Были и комические, например «Жалкая кончина одного швейцара»: в подъезд, где стоит одетый в крупноклетчатый костюм толстый швейцар с шарообразным животом, грузчики вносят огромный ящик. Раскрытой дверью грузчики придавливают стоящего за ней швейцара к стене, сплющив его до толщины картонного листа. Вытащив плоские и по-прежнему клетчатые останки швейцара на улицу, грузчики останавливают проезжающего велосипедиста, который с помощью насоса возвращает швейцару его шароподобную фигуру, после чего он занимает свое прежнее место у двери, и на этом «сильнокомическая» картина заканчивается.

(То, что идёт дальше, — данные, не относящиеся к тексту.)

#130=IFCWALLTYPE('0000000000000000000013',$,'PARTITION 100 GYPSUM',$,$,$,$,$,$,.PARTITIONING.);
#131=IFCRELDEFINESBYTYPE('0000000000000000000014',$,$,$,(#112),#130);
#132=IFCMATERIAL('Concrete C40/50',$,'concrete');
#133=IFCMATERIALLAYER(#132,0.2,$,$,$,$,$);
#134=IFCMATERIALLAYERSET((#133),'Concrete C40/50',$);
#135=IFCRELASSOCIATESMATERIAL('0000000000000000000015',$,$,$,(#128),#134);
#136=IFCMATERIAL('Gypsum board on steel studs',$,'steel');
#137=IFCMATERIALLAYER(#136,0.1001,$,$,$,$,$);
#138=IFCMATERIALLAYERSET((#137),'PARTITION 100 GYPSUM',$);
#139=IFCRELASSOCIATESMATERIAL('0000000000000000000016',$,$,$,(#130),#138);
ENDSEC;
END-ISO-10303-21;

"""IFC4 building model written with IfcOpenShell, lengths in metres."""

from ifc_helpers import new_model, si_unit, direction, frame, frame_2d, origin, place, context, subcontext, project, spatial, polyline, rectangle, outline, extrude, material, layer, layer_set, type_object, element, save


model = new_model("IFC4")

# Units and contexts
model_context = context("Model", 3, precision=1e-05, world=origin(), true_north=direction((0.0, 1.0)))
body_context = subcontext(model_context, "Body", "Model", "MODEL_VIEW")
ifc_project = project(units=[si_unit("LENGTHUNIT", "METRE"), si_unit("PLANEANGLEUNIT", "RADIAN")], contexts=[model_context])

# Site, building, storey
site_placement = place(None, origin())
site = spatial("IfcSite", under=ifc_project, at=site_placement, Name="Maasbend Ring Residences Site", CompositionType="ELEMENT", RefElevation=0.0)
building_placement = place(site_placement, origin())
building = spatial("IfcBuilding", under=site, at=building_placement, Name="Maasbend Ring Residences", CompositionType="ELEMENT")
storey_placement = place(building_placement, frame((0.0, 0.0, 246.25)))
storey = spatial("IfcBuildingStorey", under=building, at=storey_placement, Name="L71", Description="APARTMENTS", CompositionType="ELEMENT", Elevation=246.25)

Без конца демонстрировалась картина «Парижские пирожники», вызывавшая неудержимый смех зрителя, хотя весь метраж ее был занят только однообразной погоней за проказниками толпы, все нарастающей, опрокидывающей тележки с овощами, киоски, полицейских и пр. Толпа бегущих замыкалась безногими калеками…

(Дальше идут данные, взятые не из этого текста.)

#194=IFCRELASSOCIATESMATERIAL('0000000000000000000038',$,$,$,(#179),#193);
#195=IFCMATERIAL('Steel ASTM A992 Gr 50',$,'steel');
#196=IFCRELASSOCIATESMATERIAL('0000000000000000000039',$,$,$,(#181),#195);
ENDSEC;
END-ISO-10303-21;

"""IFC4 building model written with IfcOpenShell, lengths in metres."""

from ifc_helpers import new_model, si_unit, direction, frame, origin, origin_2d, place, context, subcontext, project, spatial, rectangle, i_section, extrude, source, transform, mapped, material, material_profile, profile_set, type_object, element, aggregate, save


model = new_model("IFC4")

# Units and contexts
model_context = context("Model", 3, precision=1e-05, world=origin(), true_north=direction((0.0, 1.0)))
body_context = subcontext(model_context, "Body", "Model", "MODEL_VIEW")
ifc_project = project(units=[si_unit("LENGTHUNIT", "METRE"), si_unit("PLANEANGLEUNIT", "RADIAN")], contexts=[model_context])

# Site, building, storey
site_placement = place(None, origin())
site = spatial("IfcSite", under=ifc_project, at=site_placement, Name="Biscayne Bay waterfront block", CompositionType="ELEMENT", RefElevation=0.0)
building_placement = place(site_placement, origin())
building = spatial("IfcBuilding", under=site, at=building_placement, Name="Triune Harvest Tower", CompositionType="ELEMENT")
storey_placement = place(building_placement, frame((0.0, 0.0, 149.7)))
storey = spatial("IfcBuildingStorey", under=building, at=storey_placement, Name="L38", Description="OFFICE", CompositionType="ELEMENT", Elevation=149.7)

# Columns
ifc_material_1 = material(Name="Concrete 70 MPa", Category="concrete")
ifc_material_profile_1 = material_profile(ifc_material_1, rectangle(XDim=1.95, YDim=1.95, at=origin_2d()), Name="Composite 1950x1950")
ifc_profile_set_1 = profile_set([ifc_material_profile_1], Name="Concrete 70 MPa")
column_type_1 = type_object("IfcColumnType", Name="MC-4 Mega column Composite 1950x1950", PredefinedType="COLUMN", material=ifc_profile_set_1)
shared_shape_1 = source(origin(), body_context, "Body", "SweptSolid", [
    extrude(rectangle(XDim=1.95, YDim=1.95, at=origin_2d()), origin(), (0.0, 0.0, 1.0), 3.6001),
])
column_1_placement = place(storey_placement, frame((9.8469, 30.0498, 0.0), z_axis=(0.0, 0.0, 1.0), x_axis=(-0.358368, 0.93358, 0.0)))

Как примитивна была публика, как растет с годами аудитория вообще и до какой степени выросли понимание, вкусы и требования нового зрителя, перед которым распахнули свои двери десятки тысяч советских театров и кинотеатров!
Роясь как-то в балетных рецензиях прошлого столетия, я удивился, прочитав, что зрители плакали во время исполнения «Баллады о колосе» в балете «Коппелия». Это было совершенно необъяснимо, так как ни в танце этом, ни в предшествующих, ни в последующих мизансценах нет ничего печального. Только позднее я нашел разгадку этой реакции зрительного зала: «Баллада о колосе» идет в сопровождении… соло виолончели, рыдающие звуки которой трогали до слез сентиментальную публику.

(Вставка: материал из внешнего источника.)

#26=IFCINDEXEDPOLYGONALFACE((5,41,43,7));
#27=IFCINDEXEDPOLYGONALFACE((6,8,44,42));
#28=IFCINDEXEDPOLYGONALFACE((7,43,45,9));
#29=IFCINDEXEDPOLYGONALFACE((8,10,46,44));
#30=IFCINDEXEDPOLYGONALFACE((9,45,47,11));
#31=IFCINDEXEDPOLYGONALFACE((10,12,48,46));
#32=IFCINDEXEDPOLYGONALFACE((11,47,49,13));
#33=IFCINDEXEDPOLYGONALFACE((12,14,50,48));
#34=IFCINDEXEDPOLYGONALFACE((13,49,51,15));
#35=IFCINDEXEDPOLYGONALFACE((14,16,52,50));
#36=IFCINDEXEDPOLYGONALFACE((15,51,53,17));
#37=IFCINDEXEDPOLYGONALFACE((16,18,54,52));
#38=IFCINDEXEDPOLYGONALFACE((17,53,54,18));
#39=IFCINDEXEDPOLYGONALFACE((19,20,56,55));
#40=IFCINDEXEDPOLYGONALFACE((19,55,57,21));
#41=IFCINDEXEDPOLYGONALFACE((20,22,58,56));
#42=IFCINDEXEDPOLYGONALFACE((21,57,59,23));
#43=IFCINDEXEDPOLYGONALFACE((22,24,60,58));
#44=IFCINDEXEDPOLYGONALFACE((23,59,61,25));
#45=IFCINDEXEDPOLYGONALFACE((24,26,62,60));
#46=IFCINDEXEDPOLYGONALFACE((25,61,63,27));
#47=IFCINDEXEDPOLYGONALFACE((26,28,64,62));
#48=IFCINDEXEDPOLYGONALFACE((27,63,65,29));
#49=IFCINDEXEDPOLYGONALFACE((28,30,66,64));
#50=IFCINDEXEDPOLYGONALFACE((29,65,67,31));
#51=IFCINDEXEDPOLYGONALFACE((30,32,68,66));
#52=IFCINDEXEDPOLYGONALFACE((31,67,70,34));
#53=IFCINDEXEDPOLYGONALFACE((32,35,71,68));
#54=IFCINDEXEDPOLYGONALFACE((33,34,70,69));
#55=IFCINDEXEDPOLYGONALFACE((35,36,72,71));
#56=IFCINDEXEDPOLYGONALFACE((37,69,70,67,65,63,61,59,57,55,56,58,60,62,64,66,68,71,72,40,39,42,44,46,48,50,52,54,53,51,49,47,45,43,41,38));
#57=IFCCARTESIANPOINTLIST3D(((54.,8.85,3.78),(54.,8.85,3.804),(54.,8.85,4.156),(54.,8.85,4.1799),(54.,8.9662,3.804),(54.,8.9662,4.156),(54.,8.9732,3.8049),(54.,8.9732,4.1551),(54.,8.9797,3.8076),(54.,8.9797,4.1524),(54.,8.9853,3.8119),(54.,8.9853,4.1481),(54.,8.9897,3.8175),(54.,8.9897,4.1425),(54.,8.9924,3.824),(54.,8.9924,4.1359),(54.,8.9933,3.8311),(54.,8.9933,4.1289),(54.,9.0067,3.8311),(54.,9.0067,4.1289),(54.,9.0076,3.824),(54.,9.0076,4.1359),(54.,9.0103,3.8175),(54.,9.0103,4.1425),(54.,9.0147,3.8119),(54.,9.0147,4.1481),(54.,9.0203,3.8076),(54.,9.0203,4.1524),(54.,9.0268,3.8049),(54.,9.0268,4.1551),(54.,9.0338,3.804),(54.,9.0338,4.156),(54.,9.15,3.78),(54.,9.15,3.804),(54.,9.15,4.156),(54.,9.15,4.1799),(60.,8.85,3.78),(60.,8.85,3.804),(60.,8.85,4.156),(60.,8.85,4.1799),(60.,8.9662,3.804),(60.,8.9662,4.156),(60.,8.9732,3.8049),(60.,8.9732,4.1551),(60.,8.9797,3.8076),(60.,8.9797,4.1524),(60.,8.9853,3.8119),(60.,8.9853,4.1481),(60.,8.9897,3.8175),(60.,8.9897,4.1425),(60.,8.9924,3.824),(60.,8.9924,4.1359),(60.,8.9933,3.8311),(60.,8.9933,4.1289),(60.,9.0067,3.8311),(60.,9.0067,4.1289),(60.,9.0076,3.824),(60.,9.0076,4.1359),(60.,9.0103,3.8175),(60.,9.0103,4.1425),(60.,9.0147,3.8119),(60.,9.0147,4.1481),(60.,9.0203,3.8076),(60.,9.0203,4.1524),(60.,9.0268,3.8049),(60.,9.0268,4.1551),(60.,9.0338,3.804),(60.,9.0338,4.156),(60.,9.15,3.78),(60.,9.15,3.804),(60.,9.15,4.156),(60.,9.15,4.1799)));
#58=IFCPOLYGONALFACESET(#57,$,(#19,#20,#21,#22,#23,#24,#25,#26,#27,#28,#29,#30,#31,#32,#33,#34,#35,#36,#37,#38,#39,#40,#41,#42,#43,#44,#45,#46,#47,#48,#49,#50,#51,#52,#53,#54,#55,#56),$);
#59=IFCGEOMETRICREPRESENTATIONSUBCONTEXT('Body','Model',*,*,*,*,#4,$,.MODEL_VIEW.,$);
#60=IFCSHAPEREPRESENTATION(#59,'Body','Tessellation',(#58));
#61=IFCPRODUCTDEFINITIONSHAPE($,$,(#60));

Первые русские кинокартины, не считая фильмов на исторические и сказочные сюжеты, были рассчитаны на чувствительную аудиторию и носили не менее сентиментальные названия: «У камина» «Молчи, грусть, молчи!..» и даже: «Мою любовь, широкую, как море, вместить не могут жизни берега!..» Очень быстро «звездами» и «королями» экрана стали Вера Холодная, бледная темноволосая красавица с несколько безжизненным лицом, и ее партнеры Рунич и артист Малого театра В. В. Максимов, выступавший также в концертах с мелодекламацией и игравший для экрана анемичных аристократических «героев» с обязательными кадрами во фраке, который он, действительно, носил идеально. Не менее знаменитой была и вторая пара — Лысенко и Мозжухин. Одним из важных элементов в демонстрировании кинокартин было их фортепьянное сопровождение. Появились даже ставшие знаменитыми киноиллюстраторы, фамилии которых печатались в афишах и объявлениях. Но и самые знаменитые не избегали шаблонов: стоило на экране появиться луне, как пианист тотчас перескакивал на такты «Лунной сонаты» Бетховена, бушующее море немедленно сопровождалось раскатами «Революционного этюда» Шопена, а любое свадебное шествие открывалось под звуки «Свадебного марша» Мендельсона. Но действие музыки при восприятии немого фильма было поразительным: достаточно было самому плохому пианисту, «наяривающему» на растрепанном пианино затасканный вальс, умолкнуть на минуту, чтобы закурить папиросу, как картина становилась действительно немой, персонажи проваливались в какое-то, казалось, безвоздушное пространство, начинали действовать как бы за приглушающей все пеленой и двигаться манекенами под сухой и громкий треск аппарата, сразу становившийся слышным. Но вот вновь начинала звучать музыка, и все мгновенно входило в свои рамки.